Data you kept but did not need is the FTC's new target
The FTC's finalized Illuminate order treats data you retain without a reason as a security failure, and that framing reaches well beyond edtech.
In June the FTC gave final approval to its order against Illuminate Education, the edtech vendor whose breach exposed the personal data of millions of students. The headline is familiar, a company that said it took security seriously and did not. The part worth your attention is quieter. A large share of the order is about data the company should have deleted years earlier.
The breach itself came from ordinary failures. Student records sitting in plaintext until 2022, inactive accounts that were never audited or removed, no real retention discipline. What makes this order useful for anyone running a SaaS product is how the FTC framed the fix.

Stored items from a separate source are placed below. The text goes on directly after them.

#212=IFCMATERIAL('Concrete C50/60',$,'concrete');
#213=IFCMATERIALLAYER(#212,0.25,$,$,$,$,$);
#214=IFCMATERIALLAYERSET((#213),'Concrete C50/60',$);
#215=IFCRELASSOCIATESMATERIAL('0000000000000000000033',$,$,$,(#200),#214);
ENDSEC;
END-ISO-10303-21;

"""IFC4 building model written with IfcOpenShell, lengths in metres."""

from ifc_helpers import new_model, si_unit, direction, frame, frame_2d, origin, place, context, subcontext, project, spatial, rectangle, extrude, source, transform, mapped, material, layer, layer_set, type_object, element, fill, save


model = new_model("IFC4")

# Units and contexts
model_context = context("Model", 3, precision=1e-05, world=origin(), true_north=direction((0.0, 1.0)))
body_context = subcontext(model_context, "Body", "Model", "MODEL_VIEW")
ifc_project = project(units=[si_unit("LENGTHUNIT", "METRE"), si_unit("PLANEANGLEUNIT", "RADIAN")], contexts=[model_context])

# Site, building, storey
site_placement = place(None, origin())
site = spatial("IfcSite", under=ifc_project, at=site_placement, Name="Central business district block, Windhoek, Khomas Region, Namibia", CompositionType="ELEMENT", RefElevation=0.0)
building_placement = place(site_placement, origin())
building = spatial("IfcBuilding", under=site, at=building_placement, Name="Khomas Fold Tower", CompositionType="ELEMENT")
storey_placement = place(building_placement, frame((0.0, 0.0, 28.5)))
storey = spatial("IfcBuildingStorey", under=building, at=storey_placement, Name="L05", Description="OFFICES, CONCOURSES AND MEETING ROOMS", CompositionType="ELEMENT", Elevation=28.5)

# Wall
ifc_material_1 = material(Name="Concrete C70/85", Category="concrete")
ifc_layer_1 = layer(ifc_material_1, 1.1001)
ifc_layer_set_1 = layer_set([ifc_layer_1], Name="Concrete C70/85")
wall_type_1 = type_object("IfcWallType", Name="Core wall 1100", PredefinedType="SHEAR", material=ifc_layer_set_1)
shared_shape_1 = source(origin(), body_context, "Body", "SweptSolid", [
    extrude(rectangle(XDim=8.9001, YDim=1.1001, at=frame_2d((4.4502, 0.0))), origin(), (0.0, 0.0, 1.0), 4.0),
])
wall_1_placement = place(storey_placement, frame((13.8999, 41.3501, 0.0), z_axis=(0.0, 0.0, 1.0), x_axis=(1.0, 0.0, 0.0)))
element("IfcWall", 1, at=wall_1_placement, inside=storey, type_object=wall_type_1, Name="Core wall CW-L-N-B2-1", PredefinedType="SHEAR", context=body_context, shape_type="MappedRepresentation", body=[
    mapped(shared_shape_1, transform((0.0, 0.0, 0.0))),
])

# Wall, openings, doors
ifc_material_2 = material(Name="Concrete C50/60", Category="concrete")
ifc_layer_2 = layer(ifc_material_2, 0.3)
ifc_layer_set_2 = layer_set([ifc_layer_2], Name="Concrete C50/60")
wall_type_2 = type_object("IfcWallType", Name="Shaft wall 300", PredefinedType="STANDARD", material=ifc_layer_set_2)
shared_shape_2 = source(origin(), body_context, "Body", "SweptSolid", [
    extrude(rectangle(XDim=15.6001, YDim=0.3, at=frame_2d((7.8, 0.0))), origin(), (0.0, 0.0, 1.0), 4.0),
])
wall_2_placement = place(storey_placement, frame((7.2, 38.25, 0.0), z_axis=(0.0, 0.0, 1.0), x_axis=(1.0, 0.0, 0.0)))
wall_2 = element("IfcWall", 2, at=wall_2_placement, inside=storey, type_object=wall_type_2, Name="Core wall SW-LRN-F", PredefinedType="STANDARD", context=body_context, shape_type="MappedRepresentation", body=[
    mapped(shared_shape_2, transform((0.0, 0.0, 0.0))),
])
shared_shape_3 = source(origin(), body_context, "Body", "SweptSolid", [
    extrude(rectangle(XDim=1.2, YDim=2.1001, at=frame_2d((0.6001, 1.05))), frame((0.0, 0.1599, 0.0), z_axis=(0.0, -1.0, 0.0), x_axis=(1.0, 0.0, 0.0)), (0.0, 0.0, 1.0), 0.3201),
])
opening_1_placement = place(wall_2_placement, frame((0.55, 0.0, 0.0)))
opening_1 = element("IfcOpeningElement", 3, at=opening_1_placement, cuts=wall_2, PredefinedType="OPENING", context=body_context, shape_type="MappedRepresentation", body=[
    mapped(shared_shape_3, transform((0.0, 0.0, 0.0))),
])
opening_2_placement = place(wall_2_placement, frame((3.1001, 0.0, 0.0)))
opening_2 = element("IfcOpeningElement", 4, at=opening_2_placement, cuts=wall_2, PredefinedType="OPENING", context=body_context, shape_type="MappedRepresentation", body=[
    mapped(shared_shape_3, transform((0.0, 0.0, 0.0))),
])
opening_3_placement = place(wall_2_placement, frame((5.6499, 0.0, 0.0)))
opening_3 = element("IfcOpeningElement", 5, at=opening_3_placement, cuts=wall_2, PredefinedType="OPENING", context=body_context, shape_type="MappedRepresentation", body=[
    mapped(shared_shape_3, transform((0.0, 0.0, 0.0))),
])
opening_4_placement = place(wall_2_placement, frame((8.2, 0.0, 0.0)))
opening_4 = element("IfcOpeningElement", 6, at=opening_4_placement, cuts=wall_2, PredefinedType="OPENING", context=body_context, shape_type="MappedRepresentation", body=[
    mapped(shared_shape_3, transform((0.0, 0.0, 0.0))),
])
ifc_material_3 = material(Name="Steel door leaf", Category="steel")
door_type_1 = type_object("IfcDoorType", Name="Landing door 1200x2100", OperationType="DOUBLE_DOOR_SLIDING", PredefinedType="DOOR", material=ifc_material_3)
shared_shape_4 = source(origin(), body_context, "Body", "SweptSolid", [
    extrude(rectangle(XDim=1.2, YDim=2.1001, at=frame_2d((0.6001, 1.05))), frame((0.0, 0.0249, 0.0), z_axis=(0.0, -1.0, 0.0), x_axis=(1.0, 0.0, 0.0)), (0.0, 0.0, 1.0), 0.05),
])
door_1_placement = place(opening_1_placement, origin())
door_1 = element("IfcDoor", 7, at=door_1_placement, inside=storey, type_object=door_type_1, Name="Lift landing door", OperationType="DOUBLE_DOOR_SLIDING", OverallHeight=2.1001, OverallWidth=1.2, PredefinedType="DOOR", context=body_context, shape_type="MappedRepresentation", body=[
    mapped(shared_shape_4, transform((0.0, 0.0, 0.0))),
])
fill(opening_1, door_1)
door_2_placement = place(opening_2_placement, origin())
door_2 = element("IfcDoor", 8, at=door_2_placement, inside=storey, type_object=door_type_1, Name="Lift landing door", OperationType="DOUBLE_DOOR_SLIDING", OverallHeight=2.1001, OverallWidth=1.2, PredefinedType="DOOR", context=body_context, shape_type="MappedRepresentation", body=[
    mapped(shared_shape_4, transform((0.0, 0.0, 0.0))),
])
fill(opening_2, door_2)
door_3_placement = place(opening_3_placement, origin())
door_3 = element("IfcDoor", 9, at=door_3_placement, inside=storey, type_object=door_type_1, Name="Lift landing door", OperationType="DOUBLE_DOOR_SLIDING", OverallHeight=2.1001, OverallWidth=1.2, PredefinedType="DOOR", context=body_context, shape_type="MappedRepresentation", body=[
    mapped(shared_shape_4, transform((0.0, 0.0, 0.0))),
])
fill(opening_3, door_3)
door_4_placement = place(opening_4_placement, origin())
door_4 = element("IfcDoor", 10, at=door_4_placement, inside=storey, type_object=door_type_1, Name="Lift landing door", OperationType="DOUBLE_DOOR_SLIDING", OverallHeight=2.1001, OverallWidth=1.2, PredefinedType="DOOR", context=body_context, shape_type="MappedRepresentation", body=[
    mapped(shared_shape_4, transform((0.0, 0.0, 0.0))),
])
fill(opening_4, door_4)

It did not just require encryption and an incident response plan, which is table stakes at this point. It required Illuminate to delete covered information whose retention is not reasonably necessary, to stop collecting and keeping data beyond what its contracts actually require, and to publish a retention schedule that ties every category of data to a stated purpose and a time limit.
Read that as a shift in what counts as reasonable security. For years the operating assumption was that holding onto data was free and deleting it was the risky move, because you might need it later. The FTC is now treating retained data you cannot justify as a security failure in its own right. Every record you keep is a record that can be stolen, and if you cannot point to a business reason and a contract that needs it, the existence of that data becomes the violation. Minimization stopped being a privacy nicety and became a security control the agency will enforce.
This matters most for the data you forgot you had. Old exports, abandoned test databases, backups nobody owns, the analytics table from a product you sunset two years ago. Having written code before I wrote contracts, I know how these accumulate. Nobody decides to keep them. They just never get deleted, because deletion requires someone to take responsibility and there is no deadline forcing the question. The Illuminate order supplies the deadline by making the undeleted data the liability.
This quarter, build the retention schedule the FTC required of Illuminate before anyone requires it of you. Inventory the personal data you hold, name the purpose and the contractual basis for each category, set a deletion timeline, and actually delete what fails the test. Write it down and make it real rather than aspirational. The schedule is the document that turns “we take security seriously” from a phrase that gets you sued into a practice you can show. If you cannot say why you still have something, that is your answer about whether to keep it.